To do this, synthetic features are created:

  • Label—is the maximum possible insurance amount equal to the actual estimated pay-off amount;

  • Target—the difference between the maximum possible insurance amount and the actually estimated pay-off amount.

The model assumes the following assumptions:

  1. 1.

    Since the valuation date is the date of the report on the insured event, the model assumes that all information about the claim is known at that date, and therefore it can be used to predict future pay-offs;

  2. 2.

    The insurance company pays the policyholder the amount as soon as the final pay-off is established, thus generating a series of cash flows. The model takes into account one single aggregate payment for each claim payable at the closing date;

  3. 3.

    Settlement time is considered a discrete value expressed in years. Analysis of the available statistical data shows that the period for claim resolving does not exceed 6 years;

  4. 4.

    Forecasting is carried out for 2019. The model values ​​obtained from the classification, indicating payment for already declared cases in the next 2020 and later, will relate to the reserve of declared but unresolved losses, not to the reserve of losses.

All amounts are calculated in Euros.

The training data set from 2004 to 2018 has 66,414 records, and the test dataset (2019) was 20 507 records.

4 Results and Discussion

As a result of the hyperparameters tuning for the LightGBM classification model, whether there is an IBNR situation under the contract, the following parameters were the best:

  • Number of leaves: 256;

  • Minimum leaf instances: 50;

  • Learning rate: 0.025;

  • Number of trees: 500.

As a result of the hyperparameters tuning for the LightGBM regression model for reserve volume prediction in the case when the contract is in the IBNR situation, the following parameters were the best:

  • Number of leaves: 256;

  • Minimum leaf instances: 50;

  • Learning rate: 0.025;

  • Number of trees: 500.

The final model produces, as the result, MAE = 30.37, MAPE = 0.16.

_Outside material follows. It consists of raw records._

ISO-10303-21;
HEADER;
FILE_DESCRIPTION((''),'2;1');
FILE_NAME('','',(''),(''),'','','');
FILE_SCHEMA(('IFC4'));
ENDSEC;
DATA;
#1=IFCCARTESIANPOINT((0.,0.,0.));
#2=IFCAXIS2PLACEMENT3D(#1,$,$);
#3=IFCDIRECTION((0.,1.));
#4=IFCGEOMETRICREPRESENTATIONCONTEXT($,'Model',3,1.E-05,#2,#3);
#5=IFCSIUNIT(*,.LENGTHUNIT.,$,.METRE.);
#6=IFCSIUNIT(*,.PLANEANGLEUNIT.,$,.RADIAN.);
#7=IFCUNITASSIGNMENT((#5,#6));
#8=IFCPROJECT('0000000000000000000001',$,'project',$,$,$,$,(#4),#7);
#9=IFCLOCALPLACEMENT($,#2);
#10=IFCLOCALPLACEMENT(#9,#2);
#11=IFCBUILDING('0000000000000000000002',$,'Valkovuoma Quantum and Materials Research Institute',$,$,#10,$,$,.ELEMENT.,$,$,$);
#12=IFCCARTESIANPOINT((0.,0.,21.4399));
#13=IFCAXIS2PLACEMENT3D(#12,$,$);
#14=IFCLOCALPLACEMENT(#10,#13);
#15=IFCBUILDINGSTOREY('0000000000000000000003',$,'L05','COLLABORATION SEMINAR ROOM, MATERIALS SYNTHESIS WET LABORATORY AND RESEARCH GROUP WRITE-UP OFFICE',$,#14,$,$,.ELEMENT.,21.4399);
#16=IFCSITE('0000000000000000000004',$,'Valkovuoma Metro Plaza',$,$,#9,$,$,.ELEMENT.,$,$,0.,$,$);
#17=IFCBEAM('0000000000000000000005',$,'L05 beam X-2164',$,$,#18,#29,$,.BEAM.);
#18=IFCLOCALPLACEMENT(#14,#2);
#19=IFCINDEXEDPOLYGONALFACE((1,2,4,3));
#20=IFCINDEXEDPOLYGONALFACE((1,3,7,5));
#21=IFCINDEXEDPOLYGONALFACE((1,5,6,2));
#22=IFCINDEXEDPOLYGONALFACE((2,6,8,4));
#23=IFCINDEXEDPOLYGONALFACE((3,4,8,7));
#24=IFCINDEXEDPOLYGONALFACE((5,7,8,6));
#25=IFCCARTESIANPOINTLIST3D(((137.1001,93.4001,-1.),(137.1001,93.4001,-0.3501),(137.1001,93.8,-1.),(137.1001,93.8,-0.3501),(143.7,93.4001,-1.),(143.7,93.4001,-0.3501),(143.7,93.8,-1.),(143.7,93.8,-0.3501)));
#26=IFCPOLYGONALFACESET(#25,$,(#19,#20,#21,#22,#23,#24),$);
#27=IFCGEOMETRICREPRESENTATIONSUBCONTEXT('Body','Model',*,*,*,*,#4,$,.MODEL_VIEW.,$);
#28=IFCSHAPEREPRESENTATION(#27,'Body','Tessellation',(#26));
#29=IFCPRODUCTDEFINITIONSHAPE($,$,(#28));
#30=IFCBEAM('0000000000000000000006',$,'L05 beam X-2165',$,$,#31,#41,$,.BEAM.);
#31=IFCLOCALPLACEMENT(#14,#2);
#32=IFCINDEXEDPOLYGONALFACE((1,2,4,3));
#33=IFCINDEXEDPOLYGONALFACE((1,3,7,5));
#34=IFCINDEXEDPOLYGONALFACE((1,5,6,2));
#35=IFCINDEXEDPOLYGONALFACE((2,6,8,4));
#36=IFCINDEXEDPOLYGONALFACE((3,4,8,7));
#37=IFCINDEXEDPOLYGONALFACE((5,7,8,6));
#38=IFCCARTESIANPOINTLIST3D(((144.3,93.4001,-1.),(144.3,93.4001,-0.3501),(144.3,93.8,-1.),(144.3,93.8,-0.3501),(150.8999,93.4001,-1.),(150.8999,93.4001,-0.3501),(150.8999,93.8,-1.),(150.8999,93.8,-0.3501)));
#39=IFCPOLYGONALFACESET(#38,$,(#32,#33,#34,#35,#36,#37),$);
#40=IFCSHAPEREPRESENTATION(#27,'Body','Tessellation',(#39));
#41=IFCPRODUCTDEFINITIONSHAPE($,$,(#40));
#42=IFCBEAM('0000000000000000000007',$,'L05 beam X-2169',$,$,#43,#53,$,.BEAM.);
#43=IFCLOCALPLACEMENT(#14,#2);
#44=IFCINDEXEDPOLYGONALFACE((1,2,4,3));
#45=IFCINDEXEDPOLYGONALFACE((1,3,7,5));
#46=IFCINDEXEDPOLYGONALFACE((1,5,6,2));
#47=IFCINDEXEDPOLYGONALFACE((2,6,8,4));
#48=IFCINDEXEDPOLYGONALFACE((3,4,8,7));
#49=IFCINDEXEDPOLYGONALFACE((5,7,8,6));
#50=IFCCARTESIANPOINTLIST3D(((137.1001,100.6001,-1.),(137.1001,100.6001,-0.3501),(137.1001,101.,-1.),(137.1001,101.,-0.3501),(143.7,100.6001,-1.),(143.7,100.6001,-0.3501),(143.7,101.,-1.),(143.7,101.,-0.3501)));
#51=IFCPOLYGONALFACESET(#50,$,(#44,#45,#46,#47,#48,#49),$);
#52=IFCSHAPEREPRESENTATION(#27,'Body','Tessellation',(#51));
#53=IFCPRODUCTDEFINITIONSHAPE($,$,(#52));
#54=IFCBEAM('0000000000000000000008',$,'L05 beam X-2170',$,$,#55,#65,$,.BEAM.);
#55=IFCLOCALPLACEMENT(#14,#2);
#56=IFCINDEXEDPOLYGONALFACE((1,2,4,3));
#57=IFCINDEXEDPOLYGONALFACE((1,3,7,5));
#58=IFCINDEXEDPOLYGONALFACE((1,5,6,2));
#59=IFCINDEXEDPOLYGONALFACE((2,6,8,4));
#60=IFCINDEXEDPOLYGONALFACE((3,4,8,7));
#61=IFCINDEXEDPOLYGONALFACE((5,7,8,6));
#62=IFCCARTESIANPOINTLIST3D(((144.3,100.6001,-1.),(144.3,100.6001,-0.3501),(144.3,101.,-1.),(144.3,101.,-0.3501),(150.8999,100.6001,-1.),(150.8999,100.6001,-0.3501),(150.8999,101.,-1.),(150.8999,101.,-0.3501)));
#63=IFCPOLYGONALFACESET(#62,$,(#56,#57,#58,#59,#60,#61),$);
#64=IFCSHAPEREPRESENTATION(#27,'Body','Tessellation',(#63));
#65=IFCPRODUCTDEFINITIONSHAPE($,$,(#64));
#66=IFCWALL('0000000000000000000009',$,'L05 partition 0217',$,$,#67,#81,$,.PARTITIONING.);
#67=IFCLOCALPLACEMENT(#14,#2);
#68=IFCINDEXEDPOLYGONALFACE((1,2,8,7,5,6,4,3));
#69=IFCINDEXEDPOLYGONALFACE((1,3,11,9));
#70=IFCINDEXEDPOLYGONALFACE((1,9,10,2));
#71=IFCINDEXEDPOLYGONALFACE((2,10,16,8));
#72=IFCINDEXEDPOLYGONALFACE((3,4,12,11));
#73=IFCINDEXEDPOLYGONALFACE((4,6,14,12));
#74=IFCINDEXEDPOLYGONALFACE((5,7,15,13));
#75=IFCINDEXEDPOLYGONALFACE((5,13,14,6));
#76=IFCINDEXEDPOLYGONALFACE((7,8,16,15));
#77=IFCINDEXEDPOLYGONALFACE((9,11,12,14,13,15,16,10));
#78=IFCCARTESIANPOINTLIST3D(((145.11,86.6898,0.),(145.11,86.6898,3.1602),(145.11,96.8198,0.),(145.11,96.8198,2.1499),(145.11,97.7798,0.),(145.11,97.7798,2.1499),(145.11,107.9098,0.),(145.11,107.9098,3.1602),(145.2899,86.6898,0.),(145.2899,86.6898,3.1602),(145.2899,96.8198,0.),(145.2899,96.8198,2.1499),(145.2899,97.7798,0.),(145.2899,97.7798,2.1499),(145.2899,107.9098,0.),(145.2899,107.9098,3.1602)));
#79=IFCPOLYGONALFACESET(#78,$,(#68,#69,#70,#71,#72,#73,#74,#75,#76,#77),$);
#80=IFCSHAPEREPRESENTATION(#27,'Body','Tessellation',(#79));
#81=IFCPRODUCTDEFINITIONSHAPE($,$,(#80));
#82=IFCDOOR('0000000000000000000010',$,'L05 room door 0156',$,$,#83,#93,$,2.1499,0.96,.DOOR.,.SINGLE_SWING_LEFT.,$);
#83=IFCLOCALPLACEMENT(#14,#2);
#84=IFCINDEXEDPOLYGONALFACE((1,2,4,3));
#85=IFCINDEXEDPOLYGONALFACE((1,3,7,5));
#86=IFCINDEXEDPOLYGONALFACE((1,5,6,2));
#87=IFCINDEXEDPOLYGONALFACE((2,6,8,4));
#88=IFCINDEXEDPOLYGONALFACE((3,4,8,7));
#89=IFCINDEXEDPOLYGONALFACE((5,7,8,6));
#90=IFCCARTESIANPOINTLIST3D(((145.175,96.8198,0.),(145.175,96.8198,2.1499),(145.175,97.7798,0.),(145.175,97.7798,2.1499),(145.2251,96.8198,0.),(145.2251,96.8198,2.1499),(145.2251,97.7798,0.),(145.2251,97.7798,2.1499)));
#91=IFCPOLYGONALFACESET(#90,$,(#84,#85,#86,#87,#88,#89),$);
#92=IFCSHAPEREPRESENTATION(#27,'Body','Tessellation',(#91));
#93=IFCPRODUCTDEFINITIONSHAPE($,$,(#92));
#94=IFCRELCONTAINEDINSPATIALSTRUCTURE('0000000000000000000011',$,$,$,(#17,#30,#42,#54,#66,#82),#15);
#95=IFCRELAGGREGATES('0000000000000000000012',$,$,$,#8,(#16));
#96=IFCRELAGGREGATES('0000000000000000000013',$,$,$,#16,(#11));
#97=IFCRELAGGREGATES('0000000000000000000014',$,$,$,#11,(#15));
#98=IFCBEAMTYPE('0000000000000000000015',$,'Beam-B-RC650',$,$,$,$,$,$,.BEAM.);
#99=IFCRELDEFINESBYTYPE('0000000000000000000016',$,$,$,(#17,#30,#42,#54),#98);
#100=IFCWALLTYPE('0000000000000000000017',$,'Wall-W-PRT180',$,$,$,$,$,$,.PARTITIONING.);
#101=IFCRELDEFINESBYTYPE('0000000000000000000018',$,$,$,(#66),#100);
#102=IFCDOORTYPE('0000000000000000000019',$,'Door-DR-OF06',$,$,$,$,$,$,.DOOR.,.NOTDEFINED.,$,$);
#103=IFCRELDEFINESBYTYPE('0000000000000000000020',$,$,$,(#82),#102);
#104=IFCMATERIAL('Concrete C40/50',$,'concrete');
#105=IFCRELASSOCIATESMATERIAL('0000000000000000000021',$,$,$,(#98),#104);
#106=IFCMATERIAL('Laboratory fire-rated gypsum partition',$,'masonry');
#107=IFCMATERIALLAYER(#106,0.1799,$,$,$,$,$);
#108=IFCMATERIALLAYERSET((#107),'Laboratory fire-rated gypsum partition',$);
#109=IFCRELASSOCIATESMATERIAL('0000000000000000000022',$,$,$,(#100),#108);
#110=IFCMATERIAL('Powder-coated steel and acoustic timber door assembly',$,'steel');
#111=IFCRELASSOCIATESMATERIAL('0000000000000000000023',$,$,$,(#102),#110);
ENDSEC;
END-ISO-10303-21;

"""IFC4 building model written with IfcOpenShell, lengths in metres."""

from ifc_helpers import new_model, si_unit, direction, frame, frame_2d, origin, origin_2d, place, context, subcontext, project, spatial, rectangle, extrude, material, layer, layer_set, material_profile, profile_set, type_object, element, fill, save


model = new_model("IFC4")

# Units and contexts
model_context = context("Model", 3, precision=1e-05, world=origin(), true_north=direction((0.0, 1.0)))
body_context = subcontext(model_context, "Body", "Model", "MODEL_VIEW")
ifc_project = project(units=[si_unit("LENGTHUNIT", "METRE"), si_unit("PLANEANGLEUNIT", "RADIAN")], contexts=[model_context])

# Site, building, storey
site_placement = place(None, origin())
site = spatial("IfcSite", under=ifc_project, at=site_placement, Name="Valkovuoma Metro Plaza", CompositionType="ELEMENT", RefElevation=0.0)
building_placement = place(site_placement, origin())
building = spatial("IfcBuilding", under=site, at=building_placement, Name="Valkovuoma Quantum and Materials Research Institute", CompositionType="ELEMENT")
storey_placement = place(building_placement, frame((0.0, 0.0, 21.4399)))
storey = spatial("IfcBuildingStorey", under=building, at=storey_placement, Name="L05", Description="COLLABORATION SEMINAR ROOM, MATERIALS SYNTHESIS WET LABORATORY AND RESEARCH GROUP WRITE-UP OFFICE", CompositionType="ELEMENT", Elevation=21.4399)

# Beams
ifc_material_1 = material(Name="Concrete C40/50", Category="concrete")
ifc_material_profile_1 = material_profile(ifc_material_1, rectangle(XDim=0.3999, YDim=0.6499, at=origin_2d()), Name="Concrete C40/50")
ifc_profile_set_1 = profile_set([ifc_material_profile_1], Name="Concrete C40/50")
beam_type_1 = type_object("IfcBeamType", Name="Beam-B-RC650", PredefinedType="BEAM", material=ifc_profile_set_1)
for number, where, z_axis, x_axis, name in (
    (1, (137.1001, 93.6001, -0.675), (1.0, 0.0, 0.0), (0.0, 1.0, 0.0), "L05 beam X-2164"),
    (2, (144.3, 93.6001, -0.675), (1.0, 0.0, 0.0), (0.0, 1.0, 0.0), "L05 beam X-2165"),
    (3, (137.1001, 100.8, -0.675), (1.0, 0.0, 0.0), (0.0, 1.0, 0.0), "L05 beam X-2169"),
    (4, (144.3, 100.8, -0.675), (1.0, 0.0, 0.0), (0.0, 1.0, 0.0), "L05 beam X-2170"),
):
    element("IfcBeam", number, at=place(storey_placement, frame(where, z_axis=z_axis, x_axis=x_axis)), inside=storey, type_object=beam_type_1, Name=name, PredefinedType="BEAM", context=body_context, shape_type="SweptSolid", body=[
        extrude(rectangle(XDim=0.3999, YDim=0.6499, at=origin_2d()), origin(), (0.0, 0.0, 1.0), 6.5999),
    ])

# Wall, opening, door
ifc_material_2 = material(Name="Laboratory fire-rated gypsum partition", Category="masonry")
ifc_layer = layer(ifc_material_2, 0.1799)
ifc_layer_set = layer_set([ifc_layer], Name="Laboratory fire-rated gypsum partition")
wall_type = type_object("IfcWallType", Name="Wall-W-PRT180", PredefinedType="PARTITIONING", material=ifc_layer_set)
wall_placement = place(storey_placement, frame((145.2, 86.6899, 0.0), z_axis=(0.0, 0.0, 1.0), x_axis=(0.0, 1.0, 0.0)))
wall = element("IfcWall", 5, at=wall_placement, inside=storey, type_object=wall_type, Name="L05 partition 0217", PredefinedType="PARTITIONING", context=body_context, shape_type="SweptSolid", body=[
    extrude(rectangle(XDim=21.22, YDim=0.1799, at=frame_2d((10.6099, 0.0))), origin(), (0.0, 0.0, 1.0), 3.1602),
])
opening_placement = place(wall_placement, frame((10.1299, 0.0, 0.0)))
opening = element("IfcOpeningElement", 6, at=opening_placement, cuts=wall, PredefinedType="OPENING", context=body_context, shape_type="SweptSolid", body=[
    extrude(rectangle(XDim=0.96, YDim=2.1499, at=frame_2d((0.48, 1.075))), frame((0.0, 0.1001, 0.0), z_axis=(0.0, -1.0, 0.0), x_axis=(1.0, 0.0, 0.0)), (0.0, 0.0, 1.0), 0.2),
])
ifc_material_3 = material(Name="Powder-coated steel and acoustic timber door assembly", Category="steel")
door_type = type_object("IfcDoorType", Name="Door-DR-OF06", OperationType="NOTDEFINED", PredefinedType="DOOR", material=ifc_material_3)
door_placement = place(opening_placement, origin())
door = element("IfcDoor", 7, at=door_placement, inside=storey, type_object=door_type, Name="L05 room door 0156", OperationType="SINGLE_SWING_LEFT", OverallHeight=2.1499, OverallWidth=0.96, PredefinedType="DOOR", context=body_context, shape_type="SweptSolid", body=[
    extrude(rectangle(XDim=0.96, YDim=2.1499, at=frame_2d((0.48, 1.075))), frame((0.0, 0.0249, 0.0), z_axis=(0.0, -1.0, 0.0), x_axis=(1.0, 0.0, 0.0)), (0.0, 0.0, 1.0), 0.05),
])
fill(opening, door)

save(model, "model.ifc")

For comparison, the LightGBM model without preliminary IBNR/Non-IBMR classification shows MAE = 31.32, MAPE = 0.18, regression on AdaBoost trees–MAE = 39.59, MAPE = 0.26, ridge regression–MAE = 135.64, MAPE = 0.87.

We propose the use of LightGBM boosted decision trees in the algorithm, which first determines whether the contract has an IBNR situation, and then for the case when the contract is in the IBNR situation, another LightGBM regression model predicts the reserve volume. For this case, if the contract is not an IBNR contract, the reserve is determined to be equal to the insurance amount.

The technique proposed is more effective than traditional methods.

It also can be used as a method for assessing the size of individual insurance reserves.